For one, data usage via mobile phone increased by 77 percent year on year, from 2019 to 2020. Mobile banking increased by a full 100 percent. E-commerce increased by 56 percent. These are impressive numbers. Fuelled in part by necessity, and in part by the capacity of the telecom sector to respond to a heightened demand.

But there are structural challenges in how these massive increases are distributed across the country. Nationwide, nearly 65 percent of all men own a mobile phone. The corresponding number for women is 26 percent. Internet usage in Pakistani cities is 51 percent, but in villages, only 24 percent. Men and women in Balochistan and in other areas of the country that are considered ‘remote’ are at a distinct disadvantage, despite digital access being a silver bullet for so many of them.

Telecom operators that engaged in price wars in the early 2000s, soon after the calling party pays (CPP) regime was instituted, continue to suffer from the low average revenue per user disease that has plagued Pakistan’s telcos permanently since. Still, with a population boom that will last well into the 2040s, growth is almost guaranteed – for them, and for the wider ecosystem in digital and tech. The question is whether this growth will be rapid and high, or slow and unpredictable. This is where government coherence comes in.

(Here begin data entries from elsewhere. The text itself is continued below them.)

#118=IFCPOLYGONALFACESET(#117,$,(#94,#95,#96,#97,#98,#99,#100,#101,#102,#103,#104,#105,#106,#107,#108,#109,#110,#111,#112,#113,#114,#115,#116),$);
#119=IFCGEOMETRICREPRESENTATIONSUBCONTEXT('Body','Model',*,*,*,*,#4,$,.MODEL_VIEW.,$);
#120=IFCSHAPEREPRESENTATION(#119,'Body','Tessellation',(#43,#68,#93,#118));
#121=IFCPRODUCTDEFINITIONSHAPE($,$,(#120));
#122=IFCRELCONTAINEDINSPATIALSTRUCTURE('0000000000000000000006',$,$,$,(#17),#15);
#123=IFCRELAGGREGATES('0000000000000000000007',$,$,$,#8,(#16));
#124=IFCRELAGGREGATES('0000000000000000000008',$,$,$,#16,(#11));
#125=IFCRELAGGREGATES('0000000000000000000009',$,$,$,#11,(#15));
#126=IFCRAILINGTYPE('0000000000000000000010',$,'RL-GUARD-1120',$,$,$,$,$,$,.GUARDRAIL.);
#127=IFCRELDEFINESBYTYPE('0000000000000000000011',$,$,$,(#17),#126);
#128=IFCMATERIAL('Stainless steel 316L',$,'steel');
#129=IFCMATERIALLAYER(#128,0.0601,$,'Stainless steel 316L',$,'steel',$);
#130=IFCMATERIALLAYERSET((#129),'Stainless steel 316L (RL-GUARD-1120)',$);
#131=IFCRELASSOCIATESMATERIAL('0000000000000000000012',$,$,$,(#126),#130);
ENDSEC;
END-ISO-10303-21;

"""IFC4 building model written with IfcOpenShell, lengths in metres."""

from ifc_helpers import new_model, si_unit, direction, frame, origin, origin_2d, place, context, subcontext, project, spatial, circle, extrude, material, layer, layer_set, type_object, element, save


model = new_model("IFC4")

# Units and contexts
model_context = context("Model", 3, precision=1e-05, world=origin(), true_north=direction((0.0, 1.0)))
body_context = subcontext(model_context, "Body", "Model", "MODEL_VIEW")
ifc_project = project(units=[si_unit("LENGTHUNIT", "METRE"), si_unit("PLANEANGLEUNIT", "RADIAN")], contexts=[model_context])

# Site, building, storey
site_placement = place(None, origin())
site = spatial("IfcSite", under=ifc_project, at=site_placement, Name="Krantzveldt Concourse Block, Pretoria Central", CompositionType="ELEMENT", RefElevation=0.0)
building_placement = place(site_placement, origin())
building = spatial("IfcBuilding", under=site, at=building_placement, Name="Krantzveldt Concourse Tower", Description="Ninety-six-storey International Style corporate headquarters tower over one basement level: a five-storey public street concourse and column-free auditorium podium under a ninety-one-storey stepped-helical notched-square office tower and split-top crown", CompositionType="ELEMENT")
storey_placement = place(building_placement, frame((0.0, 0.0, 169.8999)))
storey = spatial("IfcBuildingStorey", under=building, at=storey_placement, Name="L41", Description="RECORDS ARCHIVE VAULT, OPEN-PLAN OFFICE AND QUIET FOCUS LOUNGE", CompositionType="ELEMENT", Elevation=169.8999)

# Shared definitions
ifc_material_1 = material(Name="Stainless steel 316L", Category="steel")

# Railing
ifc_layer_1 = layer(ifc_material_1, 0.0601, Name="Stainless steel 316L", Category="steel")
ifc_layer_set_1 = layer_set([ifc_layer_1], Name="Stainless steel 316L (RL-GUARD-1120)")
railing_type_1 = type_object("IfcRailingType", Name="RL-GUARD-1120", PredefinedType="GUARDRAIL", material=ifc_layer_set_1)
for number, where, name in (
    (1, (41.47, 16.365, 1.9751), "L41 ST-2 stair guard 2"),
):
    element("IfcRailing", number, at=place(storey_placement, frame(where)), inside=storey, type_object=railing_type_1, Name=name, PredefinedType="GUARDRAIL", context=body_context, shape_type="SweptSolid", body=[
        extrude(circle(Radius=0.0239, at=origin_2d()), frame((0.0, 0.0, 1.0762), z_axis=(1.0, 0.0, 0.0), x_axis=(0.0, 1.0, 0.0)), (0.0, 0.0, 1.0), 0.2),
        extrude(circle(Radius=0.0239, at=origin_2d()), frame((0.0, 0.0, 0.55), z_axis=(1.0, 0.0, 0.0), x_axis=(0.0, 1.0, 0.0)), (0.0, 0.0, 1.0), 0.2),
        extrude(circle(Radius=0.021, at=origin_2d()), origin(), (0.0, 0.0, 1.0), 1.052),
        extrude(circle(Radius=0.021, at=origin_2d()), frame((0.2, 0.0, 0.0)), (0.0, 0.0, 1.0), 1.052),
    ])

The wider exercise of generating public policy in Pakistan is irreparably broken. That the State Bank or the SECP or Ministry of Commerce can generate new ideas and execute them is the anomaly, not the product of predictable, linear or transparent processes. This method of generating public policy brings with it great risks. The only risk-mitigating instrument the state seems to have developed in nearly 70 years is the National Accountability Bureau. Domestic and foreign investors don’t have the same compulsions as Pakistani politicians. They can simply exit the noise and make money in better places with greater security for themselves and their money.

If the basic interactions and relationships between key cogs in the system are malfunctioning, or worse are ill defined to begin with, then such a system will generate failure, by default. There is a difference between entry level individuals responsible for functions that keep a system running and senior managers responsible for using operations data to monitor, course correct and re-design inputs. If the operations level doesn’t do its job, the managers can’t do theirs. But the responsibility for the operations level not doing its job is the managers’. In such infinite loops, if a system allows for a lack of accountability to become normalized, that system is condemned to failure.

Covid-19 has demonstrated how digital connectivity can fuel human interaction, financial transactions and basic societal and economic functionality. Yet it took over a month after the pandemic emergency for the government to declare telecommunications as an “essential service”. Many connectivity challenges in the early days of the pandemic lockdown could have been avoided by simply making that call sooner.

The role that the military and civilian leadership imagine for Pakistan, in the region, and around the world, is that of connective tissue. Pakistan, as an enabler of prosperity for its own people, the people of Afghanistan, the wider populace of Central Asia and beyond. This is exactly what China has already invested in through CPEC, and what the American leadership may be persuaded to invest in during the Biden Administration. This is a good vision for Pakistan. It is grand and it places people at the heart of economic growth – not through paranoia and guns and tanks, but through trade and commerce and connectivity.

The big question is whether a vision for such connectivity can be complete if Pakistanis themselves are left to check whether they have enough bars on their mobile phone signals, or worse if they are left without mobile phones. Connecting the grand vision for Pakistani security and economic growth with the domestic digitalization agenda is a function of national leadership – not a bureaucratic or technocratic one.

The writer is an analyst and commentator.